Saisi d’une question prioritaire de constitutionnalité, le Conseil constitutionnel, par une décision en date du 18 juin 2010, a exigé que ces dispositions ne fassent pas obstacle à la possibilité, pour la victime et ses ayants droit, de « demander à l’employeur réparation de l’ensemble des dommages non couverts par le livre IV du Code de la sécurité sociale ». Compte tenu de la formule ainsi employée, la doctrine et les praticiens du dommage corporel ont cru que ce faisant, le Haut Conseil autorisait enfin la réparation intégrale des accidents du travail procédant d’une faute inexcusable, mettant ainsi un terme à une inégalité de traitement plus que séculaire avec ceux de droit commun.

 

Hélas, il n’en est rien, ainsi que le confirment les quatre décisions précitées par lesquelles la Cour de cassation a limité l’étendue de la réparation due à ces victimes.
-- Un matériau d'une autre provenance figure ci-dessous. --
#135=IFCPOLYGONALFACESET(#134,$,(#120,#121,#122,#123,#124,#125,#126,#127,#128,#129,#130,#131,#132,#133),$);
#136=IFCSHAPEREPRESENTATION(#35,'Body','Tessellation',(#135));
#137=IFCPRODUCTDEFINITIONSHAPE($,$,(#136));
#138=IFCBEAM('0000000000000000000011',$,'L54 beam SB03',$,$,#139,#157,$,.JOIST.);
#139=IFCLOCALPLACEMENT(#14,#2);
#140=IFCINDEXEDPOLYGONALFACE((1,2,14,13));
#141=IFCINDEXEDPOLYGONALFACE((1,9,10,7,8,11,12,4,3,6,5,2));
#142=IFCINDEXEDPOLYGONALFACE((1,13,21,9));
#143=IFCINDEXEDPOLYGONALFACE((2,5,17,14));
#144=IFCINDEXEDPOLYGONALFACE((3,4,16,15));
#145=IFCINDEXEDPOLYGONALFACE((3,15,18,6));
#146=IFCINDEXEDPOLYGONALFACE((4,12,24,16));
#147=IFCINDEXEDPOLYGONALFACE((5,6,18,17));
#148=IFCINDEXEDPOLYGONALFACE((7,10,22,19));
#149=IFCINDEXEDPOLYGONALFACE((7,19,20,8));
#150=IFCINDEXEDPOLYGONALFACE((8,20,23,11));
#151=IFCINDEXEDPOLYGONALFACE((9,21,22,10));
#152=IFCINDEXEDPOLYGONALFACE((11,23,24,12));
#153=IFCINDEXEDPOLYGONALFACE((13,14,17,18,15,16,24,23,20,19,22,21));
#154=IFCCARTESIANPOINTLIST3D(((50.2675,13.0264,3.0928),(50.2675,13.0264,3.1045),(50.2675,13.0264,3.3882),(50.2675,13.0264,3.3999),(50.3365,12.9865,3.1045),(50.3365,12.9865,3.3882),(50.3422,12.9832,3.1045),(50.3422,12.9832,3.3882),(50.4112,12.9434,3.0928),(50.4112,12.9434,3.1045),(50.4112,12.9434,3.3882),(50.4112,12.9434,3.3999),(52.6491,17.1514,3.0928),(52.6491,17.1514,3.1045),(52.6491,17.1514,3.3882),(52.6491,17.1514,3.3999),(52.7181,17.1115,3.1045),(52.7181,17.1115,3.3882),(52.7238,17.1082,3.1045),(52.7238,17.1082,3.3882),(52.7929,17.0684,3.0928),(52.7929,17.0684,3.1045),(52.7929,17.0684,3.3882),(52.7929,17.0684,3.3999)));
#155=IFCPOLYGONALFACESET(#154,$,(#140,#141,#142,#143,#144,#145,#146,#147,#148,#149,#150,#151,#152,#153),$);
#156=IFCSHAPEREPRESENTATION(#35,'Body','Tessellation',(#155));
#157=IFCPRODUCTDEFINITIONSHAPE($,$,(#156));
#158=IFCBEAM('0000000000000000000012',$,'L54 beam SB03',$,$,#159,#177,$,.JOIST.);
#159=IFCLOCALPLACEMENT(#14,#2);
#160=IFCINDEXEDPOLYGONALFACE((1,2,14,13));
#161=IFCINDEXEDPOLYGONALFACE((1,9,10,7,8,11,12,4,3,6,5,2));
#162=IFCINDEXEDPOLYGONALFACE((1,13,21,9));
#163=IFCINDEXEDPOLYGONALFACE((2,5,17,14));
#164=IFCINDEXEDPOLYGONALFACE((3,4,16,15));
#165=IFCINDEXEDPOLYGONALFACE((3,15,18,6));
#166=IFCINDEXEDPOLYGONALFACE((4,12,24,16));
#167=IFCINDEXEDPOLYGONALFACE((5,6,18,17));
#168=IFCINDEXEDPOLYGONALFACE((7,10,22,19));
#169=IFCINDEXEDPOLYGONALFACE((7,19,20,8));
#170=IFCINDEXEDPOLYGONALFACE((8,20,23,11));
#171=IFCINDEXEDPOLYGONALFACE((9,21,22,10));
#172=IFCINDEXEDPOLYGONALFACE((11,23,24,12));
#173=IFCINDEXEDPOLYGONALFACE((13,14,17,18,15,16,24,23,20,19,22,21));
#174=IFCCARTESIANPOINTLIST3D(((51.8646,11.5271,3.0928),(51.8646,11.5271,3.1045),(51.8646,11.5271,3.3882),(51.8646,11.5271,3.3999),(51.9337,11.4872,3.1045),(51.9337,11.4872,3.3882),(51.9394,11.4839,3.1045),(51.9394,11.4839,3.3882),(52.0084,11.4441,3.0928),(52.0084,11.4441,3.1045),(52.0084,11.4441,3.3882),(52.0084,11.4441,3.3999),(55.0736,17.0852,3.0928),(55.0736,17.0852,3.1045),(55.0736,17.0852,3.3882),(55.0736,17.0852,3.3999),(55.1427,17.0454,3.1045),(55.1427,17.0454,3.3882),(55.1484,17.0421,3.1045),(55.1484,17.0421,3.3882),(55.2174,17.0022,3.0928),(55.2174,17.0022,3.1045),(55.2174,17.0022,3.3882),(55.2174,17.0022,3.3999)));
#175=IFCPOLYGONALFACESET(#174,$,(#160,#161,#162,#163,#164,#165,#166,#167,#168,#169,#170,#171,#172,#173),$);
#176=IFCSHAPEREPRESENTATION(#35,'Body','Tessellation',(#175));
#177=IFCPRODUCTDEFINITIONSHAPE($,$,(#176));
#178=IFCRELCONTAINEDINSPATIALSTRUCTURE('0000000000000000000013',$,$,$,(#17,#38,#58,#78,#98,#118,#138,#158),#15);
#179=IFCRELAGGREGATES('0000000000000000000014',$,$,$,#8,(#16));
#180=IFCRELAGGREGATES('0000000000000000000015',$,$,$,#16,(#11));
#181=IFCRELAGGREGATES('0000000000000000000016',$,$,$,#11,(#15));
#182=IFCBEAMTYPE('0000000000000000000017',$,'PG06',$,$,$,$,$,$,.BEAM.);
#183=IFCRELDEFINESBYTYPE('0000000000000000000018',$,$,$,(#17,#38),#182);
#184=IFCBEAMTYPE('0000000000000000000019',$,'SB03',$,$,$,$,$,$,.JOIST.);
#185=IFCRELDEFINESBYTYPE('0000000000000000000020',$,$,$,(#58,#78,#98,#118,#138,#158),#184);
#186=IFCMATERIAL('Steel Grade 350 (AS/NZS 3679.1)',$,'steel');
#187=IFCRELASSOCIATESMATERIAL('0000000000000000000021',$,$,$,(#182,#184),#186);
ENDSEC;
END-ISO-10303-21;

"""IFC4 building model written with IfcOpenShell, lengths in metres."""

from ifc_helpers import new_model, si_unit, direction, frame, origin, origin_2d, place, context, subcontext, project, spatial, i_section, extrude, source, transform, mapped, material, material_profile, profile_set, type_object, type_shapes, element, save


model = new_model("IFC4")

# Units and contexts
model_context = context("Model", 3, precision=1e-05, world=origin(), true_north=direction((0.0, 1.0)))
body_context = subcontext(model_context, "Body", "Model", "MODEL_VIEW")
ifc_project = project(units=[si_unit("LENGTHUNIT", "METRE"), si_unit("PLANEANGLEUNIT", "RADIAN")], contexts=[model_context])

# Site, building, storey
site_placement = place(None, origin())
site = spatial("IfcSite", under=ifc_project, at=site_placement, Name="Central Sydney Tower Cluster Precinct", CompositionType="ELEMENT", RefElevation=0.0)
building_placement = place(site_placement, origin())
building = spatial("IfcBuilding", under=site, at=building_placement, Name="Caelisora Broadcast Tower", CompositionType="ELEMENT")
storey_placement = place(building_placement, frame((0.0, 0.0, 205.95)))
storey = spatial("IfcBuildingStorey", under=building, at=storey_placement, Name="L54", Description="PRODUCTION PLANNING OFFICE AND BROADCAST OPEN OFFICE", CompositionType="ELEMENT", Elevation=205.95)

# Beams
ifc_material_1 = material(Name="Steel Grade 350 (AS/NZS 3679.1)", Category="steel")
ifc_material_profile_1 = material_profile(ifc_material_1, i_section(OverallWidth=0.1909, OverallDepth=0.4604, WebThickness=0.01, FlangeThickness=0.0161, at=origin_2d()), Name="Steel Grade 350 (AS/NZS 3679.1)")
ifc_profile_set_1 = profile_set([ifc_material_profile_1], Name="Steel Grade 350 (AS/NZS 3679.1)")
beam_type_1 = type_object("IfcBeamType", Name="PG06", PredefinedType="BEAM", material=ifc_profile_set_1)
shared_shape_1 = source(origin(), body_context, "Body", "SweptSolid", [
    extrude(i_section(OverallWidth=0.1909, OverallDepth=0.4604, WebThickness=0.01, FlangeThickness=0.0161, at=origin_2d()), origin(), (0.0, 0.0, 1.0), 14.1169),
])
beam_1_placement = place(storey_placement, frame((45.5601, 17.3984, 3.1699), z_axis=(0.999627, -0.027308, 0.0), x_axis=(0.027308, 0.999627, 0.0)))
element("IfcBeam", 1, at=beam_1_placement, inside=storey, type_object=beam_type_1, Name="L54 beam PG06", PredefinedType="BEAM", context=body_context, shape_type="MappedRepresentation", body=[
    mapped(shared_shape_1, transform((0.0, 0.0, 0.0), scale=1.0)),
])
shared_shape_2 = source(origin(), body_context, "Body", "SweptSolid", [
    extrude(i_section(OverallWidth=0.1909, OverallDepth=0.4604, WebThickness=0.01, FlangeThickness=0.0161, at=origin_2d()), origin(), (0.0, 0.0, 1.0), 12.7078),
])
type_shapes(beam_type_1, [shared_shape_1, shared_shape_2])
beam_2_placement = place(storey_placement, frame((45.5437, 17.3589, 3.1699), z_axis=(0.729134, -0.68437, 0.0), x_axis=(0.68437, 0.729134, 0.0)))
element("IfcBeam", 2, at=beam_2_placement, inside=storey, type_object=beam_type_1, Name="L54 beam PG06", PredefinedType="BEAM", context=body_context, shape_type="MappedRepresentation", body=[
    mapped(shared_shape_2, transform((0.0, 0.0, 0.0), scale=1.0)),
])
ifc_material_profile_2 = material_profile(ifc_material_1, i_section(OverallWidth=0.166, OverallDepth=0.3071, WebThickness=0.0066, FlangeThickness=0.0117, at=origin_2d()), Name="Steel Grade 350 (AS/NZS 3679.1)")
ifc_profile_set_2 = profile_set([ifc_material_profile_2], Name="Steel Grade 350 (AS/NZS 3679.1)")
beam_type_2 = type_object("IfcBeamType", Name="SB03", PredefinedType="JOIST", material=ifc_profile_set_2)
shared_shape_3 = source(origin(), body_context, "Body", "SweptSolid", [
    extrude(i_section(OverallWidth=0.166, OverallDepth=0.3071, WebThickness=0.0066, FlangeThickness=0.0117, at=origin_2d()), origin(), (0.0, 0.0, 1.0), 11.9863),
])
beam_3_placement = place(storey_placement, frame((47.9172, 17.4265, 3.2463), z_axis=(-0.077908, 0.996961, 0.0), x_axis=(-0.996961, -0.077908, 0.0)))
La Juridiction suprême a en effet retenu une clé de répartition qui est la suivante. Le salarié victime peut prétendre à la réparation des chefs de préjudice qui ne sont pas couverts, en tout ou partie, par le livre IV du Code de la sécurité sociale. Et la Cour précise, positivement, quels préjudices « hors liste » peuvent être concrètement indemnisés. Elle admet à ce titre le déficit fonctionnel temporaire (qui n’est pas couvert par les indemnités journalières qui se rapportent exclusivement à la perte de salaire) et le préjudice sexuel.

 

En revanche, la victime ne peut pas solliciter réparation des postes de préjudice dont l’indemnisation est assurée par le livre IV précité. Il en va ainsi, selon la Juridiction suprême, du déficit fonctionnel permanent (dont la réparation est assurée par la rente AT et la majoration de rente dont elle est assortie en cas de faute inexcusable) et des dépenses de santé complémentaires, dans lesquelles la Haute cour inclut les frais de déplacement.

 

Cette énumération des préjudices indemnisables (ou non) n’est pas limitative. Les prochaines décisions de la Cour permettront de connaître le sort qu’elle entend réserver aux autres chefs de préjudice non indemnisés dans le cadre du régime spécifique des accidents du travail : frais divers, frais de logement et de véhicule adaptés, préjudice scolaire, préjudice esthétique temporaire, préjudice d’établissement et, surtout, tierce personne. Mais d’ores et déjà, on ne peut que déplorer le fait que la Juridiction suprême ait refusé de faire bénéficier les salariés victimes d’un accident du travail du principe de réparation intégrale.